Он вжал ее лопатками в бортик бассейна, приник всем корпусом, разрешил по-хозяйски бесстыжим ладоням мять Лерины ягодицы, впился губами во влажную кожу шеи. Поднял ее зад и усадил себе на бёдра. Чтобы как-то держаться, Лере пришлось обхватить его ногами. Неважно, что по большей части она оправдывала свою дерзость. Пришлось и точка! Потому что вода - не ее стихия. И потому что губы Графа больше не казались ей грубыми и жёсткими, а язык - скользким и противным.
- Обещаю сделать все возможное, чтобы ты запомнила это в мельчайших деталях. - Прошептал он, когда перестал терзать ее губы. - На всю жизнь. А если твоя гордость не позволяет тебе попросить меня об этом… - Граф сильнее прижал ее промежностью к своему паху, - просто оставь дверь открытой ночью. Сегодня. Я сделаю вид, что поверил в твою забывчивость. Женщинам это простительно. Стань женщиной, Лера. Тебе это так пойдёт…
Он отпустил.
Как Лера выбиралась из-под него и из бассейна, как драпала мокрая через весь первый этаж, как два раза чуть не навернулась, скользя голыми стопами по паркету, оставляя за собой лужицы - вот этот позор хотелось забыть навсегда! Вычеркнуть из памяти, стереть, высечь. Если бы только можно было…
Поплавала, называется! Будто в огне искупалась!
Добрела, шатаясь, словно гонимая бурей, до комнаты и грохнула дверью так, что звук эхом прокатился по всему дому.

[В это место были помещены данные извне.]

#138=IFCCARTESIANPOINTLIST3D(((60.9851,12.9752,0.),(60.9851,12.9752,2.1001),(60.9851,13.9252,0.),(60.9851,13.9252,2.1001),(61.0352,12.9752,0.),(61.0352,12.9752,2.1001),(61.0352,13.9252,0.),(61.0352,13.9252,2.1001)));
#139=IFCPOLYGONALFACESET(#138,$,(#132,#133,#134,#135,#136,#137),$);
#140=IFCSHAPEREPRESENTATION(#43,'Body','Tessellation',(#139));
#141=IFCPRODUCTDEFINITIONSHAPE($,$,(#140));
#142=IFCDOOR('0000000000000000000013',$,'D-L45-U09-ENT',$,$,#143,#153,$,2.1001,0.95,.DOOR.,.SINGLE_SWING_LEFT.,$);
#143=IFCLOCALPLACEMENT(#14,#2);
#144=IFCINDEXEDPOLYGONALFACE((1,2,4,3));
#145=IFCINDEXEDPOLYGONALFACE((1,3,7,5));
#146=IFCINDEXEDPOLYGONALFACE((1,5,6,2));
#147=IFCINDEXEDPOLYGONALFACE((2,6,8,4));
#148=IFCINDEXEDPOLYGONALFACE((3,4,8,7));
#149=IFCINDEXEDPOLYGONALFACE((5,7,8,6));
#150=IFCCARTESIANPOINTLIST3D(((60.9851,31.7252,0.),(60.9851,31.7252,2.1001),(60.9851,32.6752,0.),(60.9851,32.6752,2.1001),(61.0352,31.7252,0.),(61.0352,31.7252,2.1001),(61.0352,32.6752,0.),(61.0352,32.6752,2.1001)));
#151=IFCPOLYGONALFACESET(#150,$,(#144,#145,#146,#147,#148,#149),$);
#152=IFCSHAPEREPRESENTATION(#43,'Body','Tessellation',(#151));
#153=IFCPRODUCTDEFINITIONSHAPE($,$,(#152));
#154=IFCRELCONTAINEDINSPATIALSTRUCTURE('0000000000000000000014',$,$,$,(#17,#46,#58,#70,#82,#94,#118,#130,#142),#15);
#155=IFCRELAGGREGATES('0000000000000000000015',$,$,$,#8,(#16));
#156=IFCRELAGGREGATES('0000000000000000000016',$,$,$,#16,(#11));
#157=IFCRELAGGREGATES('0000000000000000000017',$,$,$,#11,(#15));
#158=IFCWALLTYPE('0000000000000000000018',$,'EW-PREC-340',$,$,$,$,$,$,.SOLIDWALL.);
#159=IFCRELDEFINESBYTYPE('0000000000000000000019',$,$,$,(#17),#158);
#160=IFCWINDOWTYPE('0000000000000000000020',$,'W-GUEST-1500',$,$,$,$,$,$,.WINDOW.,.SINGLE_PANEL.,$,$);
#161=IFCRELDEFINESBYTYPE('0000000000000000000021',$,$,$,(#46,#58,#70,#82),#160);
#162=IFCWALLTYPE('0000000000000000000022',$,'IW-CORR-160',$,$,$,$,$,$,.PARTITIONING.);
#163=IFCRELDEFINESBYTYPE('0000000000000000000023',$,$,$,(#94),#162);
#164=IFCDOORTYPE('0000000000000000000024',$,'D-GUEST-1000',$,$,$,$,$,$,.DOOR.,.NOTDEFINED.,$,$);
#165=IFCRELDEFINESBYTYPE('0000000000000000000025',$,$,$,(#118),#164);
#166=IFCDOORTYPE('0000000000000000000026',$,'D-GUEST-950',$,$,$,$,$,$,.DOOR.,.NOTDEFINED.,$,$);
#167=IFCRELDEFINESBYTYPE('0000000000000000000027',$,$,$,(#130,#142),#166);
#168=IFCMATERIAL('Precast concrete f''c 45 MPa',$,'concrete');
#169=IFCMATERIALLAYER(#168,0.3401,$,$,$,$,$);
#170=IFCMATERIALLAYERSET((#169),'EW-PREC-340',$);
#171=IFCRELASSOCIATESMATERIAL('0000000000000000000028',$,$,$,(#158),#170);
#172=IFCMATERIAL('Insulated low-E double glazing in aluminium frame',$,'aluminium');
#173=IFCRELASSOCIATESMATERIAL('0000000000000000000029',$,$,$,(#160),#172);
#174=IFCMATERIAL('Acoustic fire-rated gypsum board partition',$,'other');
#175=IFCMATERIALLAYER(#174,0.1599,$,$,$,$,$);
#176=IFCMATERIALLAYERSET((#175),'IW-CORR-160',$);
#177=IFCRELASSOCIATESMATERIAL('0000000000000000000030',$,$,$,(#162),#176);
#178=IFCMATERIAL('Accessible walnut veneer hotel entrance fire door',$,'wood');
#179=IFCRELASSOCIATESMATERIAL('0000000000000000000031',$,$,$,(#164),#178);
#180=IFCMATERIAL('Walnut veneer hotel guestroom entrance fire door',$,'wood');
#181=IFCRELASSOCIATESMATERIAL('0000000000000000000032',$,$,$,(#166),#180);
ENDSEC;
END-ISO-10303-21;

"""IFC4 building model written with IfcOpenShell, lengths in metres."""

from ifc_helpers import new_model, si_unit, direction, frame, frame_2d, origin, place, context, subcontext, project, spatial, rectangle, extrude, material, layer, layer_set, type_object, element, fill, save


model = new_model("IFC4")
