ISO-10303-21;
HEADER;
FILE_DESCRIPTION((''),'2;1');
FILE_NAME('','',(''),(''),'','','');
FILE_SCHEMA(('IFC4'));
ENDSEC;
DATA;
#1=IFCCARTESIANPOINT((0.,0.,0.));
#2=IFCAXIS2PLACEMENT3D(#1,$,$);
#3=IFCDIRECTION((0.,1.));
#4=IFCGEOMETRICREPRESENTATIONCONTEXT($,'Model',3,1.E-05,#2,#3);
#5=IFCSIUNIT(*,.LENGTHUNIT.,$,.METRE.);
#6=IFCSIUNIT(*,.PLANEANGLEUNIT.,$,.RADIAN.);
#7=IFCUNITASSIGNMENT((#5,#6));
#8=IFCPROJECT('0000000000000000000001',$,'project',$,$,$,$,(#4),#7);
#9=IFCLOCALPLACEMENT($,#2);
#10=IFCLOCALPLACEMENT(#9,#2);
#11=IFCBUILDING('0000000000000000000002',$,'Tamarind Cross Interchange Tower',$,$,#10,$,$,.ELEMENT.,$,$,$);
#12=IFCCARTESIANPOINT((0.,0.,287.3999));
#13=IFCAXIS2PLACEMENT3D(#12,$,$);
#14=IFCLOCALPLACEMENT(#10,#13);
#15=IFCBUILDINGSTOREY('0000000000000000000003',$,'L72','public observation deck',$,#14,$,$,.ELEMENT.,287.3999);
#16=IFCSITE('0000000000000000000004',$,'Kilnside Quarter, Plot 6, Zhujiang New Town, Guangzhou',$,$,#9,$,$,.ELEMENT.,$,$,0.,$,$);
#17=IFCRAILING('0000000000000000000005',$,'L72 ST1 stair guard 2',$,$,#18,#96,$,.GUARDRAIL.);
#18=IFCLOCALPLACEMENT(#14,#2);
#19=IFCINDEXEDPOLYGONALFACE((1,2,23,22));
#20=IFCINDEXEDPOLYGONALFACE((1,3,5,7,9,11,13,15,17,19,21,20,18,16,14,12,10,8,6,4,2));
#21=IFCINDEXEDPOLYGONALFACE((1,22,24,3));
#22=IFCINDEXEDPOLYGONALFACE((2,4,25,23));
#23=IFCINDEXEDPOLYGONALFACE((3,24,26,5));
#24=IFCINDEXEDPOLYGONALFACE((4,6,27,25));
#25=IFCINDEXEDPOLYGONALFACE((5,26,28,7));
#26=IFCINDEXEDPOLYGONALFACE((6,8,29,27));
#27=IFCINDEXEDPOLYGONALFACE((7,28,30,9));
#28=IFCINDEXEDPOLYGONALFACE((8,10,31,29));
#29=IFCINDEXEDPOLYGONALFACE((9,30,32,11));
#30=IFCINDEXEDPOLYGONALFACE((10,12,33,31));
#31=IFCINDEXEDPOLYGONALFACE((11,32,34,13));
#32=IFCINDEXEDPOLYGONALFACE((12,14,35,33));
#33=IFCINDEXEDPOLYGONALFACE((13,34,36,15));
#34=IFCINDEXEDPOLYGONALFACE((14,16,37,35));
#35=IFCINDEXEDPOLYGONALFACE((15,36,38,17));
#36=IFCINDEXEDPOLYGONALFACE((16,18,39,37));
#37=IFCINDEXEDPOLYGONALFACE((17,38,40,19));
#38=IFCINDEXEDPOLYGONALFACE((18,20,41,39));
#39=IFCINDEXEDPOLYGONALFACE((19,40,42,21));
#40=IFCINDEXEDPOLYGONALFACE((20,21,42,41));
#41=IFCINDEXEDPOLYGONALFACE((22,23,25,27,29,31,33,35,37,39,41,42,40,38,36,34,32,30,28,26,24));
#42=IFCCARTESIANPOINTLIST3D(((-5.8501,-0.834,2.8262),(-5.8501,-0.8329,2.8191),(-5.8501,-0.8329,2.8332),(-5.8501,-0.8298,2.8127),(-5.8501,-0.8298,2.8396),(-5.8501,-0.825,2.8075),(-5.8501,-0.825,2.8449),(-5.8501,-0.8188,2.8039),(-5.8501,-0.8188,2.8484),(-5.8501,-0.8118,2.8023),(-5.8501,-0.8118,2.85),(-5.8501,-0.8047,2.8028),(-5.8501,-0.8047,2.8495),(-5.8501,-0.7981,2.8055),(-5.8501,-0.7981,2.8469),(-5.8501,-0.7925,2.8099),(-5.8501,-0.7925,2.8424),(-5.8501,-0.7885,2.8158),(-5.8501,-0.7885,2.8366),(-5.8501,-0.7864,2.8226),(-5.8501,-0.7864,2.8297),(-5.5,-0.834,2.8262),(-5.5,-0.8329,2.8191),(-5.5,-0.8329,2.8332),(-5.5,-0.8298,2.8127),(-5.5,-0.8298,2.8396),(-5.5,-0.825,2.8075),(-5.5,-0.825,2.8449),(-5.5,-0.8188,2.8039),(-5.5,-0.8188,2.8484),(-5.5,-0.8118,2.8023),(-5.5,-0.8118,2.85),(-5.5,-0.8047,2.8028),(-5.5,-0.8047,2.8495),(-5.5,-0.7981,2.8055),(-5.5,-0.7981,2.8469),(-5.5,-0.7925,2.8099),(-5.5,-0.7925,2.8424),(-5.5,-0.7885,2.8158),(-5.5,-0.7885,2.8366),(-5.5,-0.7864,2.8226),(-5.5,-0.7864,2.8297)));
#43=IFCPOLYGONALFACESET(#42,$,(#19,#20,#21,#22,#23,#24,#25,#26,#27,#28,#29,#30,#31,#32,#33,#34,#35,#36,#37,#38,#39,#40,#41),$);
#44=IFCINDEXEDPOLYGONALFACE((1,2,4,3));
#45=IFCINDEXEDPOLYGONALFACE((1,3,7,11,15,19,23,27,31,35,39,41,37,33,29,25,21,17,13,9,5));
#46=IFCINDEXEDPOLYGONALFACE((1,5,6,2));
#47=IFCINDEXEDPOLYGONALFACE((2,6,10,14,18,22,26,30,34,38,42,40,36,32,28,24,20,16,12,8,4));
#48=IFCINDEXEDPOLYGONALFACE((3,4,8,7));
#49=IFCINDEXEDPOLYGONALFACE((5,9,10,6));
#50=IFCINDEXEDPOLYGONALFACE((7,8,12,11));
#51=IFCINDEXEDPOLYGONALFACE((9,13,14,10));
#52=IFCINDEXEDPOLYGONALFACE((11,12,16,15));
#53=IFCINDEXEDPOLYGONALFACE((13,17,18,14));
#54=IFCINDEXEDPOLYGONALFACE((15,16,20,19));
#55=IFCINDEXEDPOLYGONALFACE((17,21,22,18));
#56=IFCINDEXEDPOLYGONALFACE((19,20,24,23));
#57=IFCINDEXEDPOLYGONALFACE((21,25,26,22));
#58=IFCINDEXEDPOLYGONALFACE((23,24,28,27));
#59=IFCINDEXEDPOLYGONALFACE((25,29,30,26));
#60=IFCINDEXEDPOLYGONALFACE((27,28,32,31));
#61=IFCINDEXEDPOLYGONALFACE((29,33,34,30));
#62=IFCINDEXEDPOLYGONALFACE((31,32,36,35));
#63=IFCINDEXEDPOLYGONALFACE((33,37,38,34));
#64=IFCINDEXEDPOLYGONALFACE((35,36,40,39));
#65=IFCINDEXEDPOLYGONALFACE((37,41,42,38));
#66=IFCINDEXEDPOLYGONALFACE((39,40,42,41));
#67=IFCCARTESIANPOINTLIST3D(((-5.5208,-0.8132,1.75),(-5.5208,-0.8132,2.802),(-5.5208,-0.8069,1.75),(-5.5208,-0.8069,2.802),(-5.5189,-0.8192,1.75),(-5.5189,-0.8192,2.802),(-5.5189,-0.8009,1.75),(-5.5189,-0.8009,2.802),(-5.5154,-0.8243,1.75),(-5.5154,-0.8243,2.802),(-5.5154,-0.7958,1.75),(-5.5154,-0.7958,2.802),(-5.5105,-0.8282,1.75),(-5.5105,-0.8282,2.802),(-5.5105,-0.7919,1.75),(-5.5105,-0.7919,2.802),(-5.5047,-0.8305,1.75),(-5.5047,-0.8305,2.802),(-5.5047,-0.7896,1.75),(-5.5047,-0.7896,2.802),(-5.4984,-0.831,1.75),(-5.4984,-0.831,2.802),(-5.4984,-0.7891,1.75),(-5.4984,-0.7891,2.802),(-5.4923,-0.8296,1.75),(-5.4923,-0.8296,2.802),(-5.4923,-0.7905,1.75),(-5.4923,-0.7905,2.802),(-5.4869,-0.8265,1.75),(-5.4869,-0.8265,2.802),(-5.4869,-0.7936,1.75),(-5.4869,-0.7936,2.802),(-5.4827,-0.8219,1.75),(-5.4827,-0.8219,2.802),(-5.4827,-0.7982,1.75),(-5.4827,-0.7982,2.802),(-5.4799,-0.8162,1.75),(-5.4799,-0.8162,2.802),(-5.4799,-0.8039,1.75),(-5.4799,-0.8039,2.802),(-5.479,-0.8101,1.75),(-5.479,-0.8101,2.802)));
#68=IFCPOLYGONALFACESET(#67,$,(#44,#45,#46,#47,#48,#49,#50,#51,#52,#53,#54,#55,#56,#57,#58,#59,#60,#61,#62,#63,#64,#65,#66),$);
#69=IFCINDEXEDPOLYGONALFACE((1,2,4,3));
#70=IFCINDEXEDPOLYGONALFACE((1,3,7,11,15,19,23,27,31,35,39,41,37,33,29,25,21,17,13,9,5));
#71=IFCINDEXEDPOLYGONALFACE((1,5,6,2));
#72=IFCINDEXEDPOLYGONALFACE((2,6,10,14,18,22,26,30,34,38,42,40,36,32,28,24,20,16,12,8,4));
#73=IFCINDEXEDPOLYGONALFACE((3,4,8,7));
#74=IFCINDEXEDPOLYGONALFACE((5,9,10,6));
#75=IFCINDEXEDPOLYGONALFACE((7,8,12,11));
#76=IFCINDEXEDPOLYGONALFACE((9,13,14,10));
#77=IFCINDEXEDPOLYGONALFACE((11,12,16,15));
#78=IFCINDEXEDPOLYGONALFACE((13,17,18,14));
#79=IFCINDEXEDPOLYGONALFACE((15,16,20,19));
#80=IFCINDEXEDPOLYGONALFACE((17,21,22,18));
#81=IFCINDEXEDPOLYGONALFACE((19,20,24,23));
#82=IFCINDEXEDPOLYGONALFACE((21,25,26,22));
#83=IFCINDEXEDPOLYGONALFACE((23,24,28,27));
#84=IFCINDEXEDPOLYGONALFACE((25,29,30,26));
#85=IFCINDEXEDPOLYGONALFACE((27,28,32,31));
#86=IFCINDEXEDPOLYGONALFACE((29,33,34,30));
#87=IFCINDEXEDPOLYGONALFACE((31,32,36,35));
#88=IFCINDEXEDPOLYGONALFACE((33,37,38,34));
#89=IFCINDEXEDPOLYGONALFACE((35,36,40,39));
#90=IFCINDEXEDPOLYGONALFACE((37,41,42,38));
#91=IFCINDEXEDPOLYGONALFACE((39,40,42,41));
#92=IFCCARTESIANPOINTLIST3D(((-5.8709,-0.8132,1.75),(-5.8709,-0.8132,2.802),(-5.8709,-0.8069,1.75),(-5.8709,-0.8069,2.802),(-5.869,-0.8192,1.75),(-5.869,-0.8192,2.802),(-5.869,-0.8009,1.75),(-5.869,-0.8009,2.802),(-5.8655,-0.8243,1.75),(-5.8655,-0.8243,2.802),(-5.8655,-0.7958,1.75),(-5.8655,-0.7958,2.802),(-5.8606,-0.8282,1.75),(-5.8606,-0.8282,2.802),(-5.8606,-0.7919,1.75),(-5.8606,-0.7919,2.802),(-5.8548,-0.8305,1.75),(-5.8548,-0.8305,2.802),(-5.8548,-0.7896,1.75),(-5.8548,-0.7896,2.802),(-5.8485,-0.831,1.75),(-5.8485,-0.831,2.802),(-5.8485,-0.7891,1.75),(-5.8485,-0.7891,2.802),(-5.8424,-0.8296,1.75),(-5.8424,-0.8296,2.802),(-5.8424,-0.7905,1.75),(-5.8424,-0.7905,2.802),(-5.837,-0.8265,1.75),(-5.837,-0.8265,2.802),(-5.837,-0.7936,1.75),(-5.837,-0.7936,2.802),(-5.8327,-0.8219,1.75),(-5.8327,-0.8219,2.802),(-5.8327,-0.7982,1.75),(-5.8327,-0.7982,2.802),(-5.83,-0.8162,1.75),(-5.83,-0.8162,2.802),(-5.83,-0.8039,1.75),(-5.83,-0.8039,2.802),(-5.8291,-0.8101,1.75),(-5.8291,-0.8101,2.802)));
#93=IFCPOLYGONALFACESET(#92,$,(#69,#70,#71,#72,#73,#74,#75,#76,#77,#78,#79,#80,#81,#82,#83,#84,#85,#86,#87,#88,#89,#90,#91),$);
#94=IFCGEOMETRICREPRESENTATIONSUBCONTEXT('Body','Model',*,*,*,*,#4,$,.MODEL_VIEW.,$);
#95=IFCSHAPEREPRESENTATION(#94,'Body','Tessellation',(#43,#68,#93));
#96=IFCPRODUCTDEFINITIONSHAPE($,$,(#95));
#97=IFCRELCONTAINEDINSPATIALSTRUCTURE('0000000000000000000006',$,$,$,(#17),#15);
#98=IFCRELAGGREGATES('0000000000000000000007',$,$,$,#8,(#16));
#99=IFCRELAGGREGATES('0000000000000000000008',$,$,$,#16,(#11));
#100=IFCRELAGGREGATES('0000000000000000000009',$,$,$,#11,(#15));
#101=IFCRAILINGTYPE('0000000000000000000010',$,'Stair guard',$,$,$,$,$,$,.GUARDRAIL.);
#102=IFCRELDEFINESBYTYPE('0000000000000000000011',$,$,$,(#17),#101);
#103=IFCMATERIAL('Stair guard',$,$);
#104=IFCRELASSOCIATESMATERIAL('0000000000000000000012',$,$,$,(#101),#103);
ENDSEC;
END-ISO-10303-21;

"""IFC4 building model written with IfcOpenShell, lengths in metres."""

from ifc_helpers import new_model, si_unit, direction, frame, origin, origin_2d, place, context, subcontext, project, spatial, circle, extrude, material, type_object, element, save


model = new_model("IFC4")

# Units and contexts
model_context = context("Model", 3, precision=1e-05, world=origin(), true_north=direction((0.0, 1.0)))
body_context = subcontext(model_context, "Body", "Model", "MODEL_VIEW")
ifc_project = project(units=[si_unit("LENGTHUNIT", "METRE"), si_unit("PLANEANGLEUNIT", "RADIAN")], contexts=[model_context])

# Site, building, storey
site_placement = place(None, origin())
site = spatial("IfcSite", under=ifc_project, at=site_placement, Name="Kilnside Quarter, Plot 6, Zhujiang New Town, Guangzhou", CompositionType="ELEMENT", RefElevation=0.0)
building_placement = place(site_placement, origin())
building = spatial("IfcBuilding", under=site, at=building_placement, Name="Tamarind Cross Interchange Tower", CompositionType="ELEMENT")
storey_placement = place(building_placement, frame((0.0, 0.0, 287.3999)))
storey = spatial("IfcBuildingStorey", under=building, at=storey_placement, Name="L72", Description="public observation deck", CompositionType="ELEMENT", Elevation=287.3999)

# Railing
ifc_material_1 = material(Name="Stair guard")
railing_type_1 = type_object("IfcRailingType", Name="Stair guard", PredefinedType="GUARDRAIL", material=ifc_material_1)
railing_1_placement = place(storey_placement, frame((-5.5, -0.8101, 1.75)))
element("IfcRailing", 1, at=railing_1_placement, inside=storey, type_object=railing_type_1, Name="L72 ST1 stair guard 2", PredefinedType="GUARDRAIL", context=body_context, shape_type="SweptSolid", body=[
    extrude(circle(Radius=0.0239, at=origin_2d()), frame((0.0, 0.0, 1.0762), z_axis=(-1.0, 0.0, 0.0), x_axis=(0.0, -1.0, 0.0)), (0.0, 0.0, 1.0), 0.3501),
    extrude(circle(Radius=0.021, at=origin_2d()), origin(), (0.0, 0.0, 1.0), 1.052),
    extrude(circle(Radius=0.021, at=origin_2d()), frame((-0.3501, 0.0, 0.0)), (0.0, 0.0, 1.0), 1.052),
])

save(model, "model.ifc")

Пока лихорадочно смывала с себя Графа в дУше, сочинила эссе про гордость. Наспех вытерлась, обмоталась полотенцем, побежала записывать в блокнот, пока не забыла. Выстрадала на бумагу всё, что никогда не решится высказать ему, потому что гордость…
Так и уснула…
Гордая и по-женски забывчивая. Словом - дура.
Глава 22
Глава 22
Лучше б я по самые плечи
Вбила в землю проклятое тело,
Если б знала чему навстречу,
Обгоняя солнце, летела.
Анна Ахматова
Психологи утверждают, что все фобии у человека родом из детства.
«Тоже мне, Колумбы».
Никакой крамолы в этом Лера не находила. Она и сама знала, что боязнь собак у неё из детской литературы. Тут и Фрейдом не надо быть, чтобы понимать откуда у ее страхов такие глаза и зубы. Из сказки про Красную шапочку, вернее - иллюстрации к ней.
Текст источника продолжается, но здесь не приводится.